Choosing the Right AI Model

AI models generally fall into two broad categories: open-source and proprietary (closed-source). Understanding their differences helps you choose the right approach for your project, whether that's automating data workflows, classifying records, or powering intelligent search tools.

Open models

Open-source models can be downloaded, customized, and hosted wherever you choose, on-premises or in the cloud.

They offer greater control over data, which can be important in scientific or research settings where datasets include sensitive information (for example, ecological or location-based data).

You can find a growing ecosystem of open models on platforms such as Hugging Face or the Open LLM Leaderboard.

Tip: Open models are ideal when data governance, reproducibility, or integration flexibility are priorities.

Closed models

Proprietary models, provided via APIs by companies like OpenAI, Anthropic, or others, are easier to adopt and often deliver strong results immediately.

They remove the burden of infrastructure management but require sending data to an external service. For many organizations, this trade-off is acceptable for non-sensitive tasks like report generation or content summarization.

Tip: Closed models are a good starting point for experimentation or where rapid development matters more than full control.

Cost considerations

How you access or host a model directly affects cost.

API-based (closed models)

You typically pay per token, which roughly corresponds to chunks of text. Costs scale with usage, for example, large reports or batch processing can add up quickly.

Self-hosted (open models)

Running your own model shifts costs to infrastructure, compute, GPUs, and storage but gives you predictable expenses and full control over data.

Pragmatic approach: Start with API-based models while prototyping. Move to open-source or self-hosted deployments once you understand your workloads and data sensitivity.

Evaluating model performance

Accuracy and domain understanding matter, particularly when models process structured or technical data.

While general benchmarks (like MMLU or HELM) help compare models, your own evaluation framework is the most valuable indicator.

Ask questions such as:

  • Does the model interpret domain-specific terminology correctly?
  • Can it extract structured data from unstructured text?
  • How consistent are its outputs across similar inputs?

Building lightweight internal evals lets you track progress as models or datasets evolve.

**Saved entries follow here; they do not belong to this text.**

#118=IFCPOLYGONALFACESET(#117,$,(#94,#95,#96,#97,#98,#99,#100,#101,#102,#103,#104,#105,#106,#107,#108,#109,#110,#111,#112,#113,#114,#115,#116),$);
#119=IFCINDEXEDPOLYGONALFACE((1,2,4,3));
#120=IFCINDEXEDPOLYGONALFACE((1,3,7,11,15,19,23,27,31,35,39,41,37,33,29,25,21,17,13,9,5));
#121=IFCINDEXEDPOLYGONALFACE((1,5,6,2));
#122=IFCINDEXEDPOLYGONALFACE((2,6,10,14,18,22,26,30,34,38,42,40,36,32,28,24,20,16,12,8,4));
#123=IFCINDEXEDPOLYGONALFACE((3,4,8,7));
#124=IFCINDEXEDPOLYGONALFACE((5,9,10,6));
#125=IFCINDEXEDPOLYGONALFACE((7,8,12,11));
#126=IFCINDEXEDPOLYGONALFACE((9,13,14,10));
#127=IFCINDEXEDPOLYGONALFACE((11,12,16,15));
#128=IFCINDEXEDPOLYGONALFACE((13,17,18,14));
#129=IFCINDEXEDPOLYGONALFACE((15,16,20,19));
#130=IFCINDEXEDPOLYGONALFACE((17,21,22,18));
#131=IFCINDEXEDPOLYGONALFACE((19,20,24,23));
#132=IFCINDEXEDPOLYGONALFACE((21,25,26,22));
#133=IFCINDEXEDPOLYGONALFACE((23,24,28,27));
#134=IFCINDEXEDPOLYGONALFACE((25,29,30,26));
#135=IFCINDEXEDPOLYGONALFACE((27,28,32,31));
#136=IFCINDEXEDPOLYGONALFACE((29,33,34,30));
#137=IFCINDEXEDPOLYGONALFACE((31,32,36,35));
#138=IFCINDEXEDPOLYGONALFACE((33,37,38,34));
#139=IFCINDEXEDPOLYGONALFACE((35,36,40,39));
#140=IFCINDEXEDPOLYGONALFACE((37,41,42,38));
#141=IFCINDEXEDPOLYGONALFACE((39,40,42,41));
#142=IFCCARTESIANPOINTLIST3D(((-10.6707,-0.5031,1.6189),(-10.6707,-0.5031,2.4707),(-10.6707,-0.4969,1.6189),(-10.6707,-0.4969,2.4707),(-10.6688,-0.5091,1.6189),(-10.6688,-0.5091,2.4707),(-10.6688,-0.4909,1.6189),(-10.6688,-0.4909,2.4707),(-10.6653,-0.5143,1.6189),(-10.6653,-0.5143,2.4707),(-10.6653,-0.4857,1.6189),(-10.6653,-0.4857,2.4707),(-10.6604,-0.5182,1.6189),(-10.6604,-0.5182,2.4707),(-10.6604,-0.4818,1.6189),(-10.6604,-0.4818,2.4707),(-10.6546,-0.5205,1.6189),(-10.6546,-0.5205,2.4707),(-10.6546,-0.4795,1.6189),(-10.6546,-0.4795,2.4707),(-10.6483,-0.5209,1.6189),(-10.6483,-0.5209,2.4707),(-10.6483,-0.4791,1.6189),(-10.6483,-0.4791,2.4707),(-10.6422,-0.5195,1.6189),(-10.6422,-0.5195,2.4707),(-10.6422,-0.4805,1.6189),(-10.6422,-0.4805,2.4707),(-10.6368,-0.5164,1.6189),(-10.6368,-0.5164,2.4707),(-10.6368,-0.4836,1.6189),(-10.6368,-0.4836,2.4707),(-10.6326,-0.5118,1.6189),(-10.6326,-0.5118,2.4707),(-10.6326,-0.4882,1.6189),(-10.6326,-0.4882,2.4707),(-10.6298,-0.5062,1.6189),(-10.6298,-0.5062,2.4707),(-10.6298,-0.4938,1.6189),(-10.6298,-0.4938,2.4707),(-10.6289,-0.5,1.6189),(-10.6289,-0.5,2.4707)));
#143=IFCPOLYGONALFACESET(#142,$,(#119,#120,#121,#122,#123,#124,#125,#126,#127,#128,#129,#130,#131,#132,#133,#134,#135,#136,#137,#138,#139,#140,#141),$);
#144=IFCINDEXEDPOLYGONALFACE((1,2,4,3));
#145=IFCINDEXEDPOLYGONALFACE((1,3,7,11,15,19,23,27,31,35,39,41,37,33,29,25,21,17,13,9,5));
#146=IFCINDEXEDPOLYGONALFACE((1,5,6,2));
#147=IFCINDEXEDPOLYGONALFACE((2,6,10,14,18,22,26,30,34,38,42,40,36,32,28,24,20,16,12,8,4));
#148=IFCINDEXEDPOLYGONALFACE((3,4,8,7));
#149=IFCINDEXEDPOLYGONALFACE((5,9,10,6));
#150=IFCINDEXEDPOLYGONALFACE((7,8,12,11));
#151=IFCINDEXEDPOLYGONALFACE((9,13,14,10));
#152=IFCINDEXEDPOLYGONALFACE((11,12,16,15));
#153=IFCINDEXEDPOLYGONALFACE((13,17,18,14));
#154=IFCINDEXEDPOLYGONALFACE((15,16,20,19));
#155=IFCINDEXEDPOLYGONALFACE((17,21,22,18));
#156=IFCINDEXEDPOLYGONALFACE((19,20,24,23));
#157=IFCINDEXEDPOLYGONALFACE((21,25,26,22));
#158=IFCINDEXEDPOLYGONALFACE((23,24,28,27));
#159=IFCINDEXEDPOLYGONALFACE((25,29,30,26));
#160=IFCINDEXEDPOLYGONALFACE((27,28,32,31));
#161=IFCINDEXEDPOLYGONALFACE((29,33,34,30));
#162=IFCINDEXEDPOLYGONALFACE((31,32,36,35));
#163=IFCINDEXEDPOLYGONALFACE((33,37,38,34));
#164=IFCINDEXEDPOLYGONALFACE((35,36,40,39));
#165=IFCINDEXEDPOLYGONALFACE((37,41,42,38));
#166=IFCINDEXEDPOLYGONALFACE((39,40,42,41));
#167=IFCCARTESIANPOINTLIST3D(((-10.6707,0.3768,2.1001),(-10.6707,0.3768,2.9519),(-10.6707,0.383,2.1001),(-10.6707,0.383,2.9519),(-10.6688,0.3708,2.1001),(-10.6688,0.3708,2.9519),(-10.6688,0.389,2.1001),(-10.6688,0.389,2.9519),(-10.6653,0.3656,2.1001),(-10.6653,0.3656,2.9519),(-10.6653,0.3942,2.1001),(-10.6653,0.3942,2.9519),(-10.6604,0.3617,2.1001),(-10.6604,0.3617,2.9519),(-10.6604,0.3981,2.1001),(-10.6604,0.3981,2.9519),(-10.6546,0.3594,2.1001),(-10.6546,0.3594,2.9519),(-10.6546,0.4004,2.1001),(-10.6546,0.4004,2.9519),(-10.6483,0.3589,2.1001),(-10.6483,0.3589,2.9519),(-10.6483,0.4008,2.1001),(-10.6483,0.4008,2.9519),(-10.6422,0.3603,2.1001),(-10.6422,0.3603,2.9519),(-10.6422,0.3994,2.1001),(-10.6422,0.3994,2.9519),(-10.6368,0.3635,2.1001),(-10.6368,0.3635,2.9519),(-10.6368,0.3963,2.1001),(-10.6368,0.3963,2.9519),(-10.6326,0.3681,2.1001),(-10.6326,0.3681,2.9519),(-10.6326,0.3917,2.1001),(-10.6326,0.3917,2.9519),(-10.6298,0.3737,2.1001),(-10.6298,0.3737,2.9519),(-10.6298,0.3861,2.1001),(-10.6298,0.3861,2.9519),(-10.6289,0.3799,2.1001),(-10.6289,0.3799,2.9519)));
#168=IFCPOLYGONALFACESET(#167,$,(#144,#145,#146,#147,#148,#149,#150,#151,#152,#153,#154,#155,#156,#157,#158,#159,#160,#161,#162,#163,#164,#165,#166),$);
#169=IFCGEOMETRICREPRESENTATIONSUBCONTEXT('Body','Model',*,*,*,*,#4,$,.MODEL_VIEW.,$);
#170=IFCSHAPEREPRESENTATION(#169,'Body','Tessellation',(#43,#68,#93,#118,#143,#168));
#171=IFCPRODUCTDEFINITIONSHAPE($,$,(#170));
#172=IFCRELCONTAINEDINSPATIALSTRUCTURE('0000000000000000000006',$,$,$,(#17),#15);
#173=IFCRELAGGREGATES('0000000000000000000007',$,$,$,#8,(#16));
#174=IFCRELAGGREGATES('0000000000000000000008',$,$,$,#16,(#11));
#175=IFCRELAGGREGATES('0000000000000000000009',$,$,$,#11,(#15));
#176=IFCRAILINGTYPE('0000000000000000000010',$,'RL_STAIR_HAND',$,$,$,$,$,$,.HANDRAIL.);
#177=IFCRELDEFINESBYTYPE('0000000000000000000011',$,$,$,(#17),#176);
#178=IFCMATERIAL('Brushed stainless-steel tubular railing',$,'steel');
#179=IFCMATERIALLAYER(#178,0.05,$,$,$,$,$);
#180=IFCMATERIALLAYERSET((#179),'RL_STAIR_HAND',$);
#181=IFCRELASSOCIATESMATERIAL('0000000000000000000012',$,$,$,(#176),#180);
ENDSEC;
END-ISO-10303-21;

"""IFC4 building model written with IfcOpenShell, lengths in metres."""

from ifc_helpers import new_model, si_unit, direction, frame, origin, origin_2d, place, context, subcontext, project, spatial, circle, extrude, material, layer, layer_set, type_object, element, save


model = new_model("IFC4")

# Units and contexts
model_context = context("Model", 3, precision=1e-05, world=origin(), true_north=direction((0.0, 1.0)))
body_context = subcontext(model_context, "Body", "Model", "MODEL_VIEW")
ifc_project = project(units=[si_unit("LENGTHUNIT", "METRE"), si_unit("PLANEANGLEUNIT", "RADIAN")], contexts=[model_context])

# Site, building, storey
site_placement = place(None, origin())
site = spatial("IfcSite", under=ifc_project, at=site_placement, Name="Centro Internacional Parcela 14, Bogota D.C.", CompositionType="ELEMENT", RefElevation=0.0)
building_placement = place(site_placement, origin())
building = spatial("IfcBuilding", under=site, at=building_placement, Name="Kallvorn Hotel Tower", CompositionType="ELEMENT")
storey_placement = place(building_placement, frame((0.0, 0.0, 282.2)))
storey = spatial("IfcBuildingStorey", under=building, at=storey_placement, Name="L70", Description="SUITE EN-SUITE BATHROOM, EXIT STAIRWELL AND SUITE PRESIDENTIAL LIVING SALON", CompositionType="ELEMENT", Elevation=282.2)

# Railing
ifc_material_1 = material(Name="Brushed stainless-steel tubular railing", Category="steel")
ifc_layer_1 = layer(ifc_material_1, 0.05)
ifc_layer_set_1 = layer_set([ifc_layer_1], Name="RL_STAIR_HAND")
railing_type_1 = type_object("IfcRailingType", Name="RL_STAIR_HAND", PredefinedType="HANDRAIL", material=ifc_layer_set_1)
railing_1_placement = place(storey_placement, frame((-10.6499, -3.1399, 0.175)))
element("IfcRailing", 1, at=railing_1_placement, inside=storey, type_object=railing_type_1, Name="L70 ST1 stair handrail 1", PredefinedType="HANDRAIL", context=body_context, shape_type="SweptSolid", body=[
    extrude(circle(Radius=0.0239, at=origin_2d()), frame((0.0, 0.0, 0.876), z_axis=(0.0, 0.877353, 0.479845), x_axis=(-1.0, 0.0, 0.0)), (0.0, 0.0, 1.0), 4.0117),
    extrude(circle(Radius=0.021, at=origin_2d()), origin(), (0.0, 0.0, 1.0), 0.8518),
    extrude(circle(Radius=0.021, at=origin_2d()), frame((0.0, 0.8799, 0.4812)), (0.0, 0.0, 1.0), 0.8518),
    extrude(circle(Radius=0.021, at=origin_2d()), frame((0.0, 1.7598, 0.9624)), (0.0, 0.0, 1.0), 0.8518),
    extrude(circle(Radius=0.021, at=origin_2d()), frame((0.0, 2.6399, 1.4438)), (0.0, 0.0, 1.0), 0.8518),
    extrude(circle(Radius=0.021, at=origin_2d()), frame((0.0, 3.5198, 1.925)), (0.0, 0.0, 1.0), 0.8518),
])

Context windows and data volume

A model’s context window determines how much information it can consider at once, both your input and the model’s response.

Larger windows enable tasks such as summarizing long documents, comparing multiple records, or reasoning over datasets.

If your data exceeds this limit, chunking or retrieval-augmented generation (RAG) techniques can break it into manageable pieces and feed only the most relevant parts to the model.

Choosing what fits

FactorWhat to Think About
Open vs ClosedData control, infrastructure management, reproducibility
CostAPI usage vs hosting costs
LatencyReal-time needs, user experience
PerformanceAccuracy on your domain data, maintainability
Context WindowAbility to handle large or complex inputs

Final Thoughts

AI models are tools, not solutions in themselves. The key is matching model capabilities with your real-world needs: automation, data interpretation, or intelligent interfaces.

Whether you’re working with biodiversity data, research metadata, or any other structured information, the same principle applies: start small, test often, and evolve your approach as the technology changes.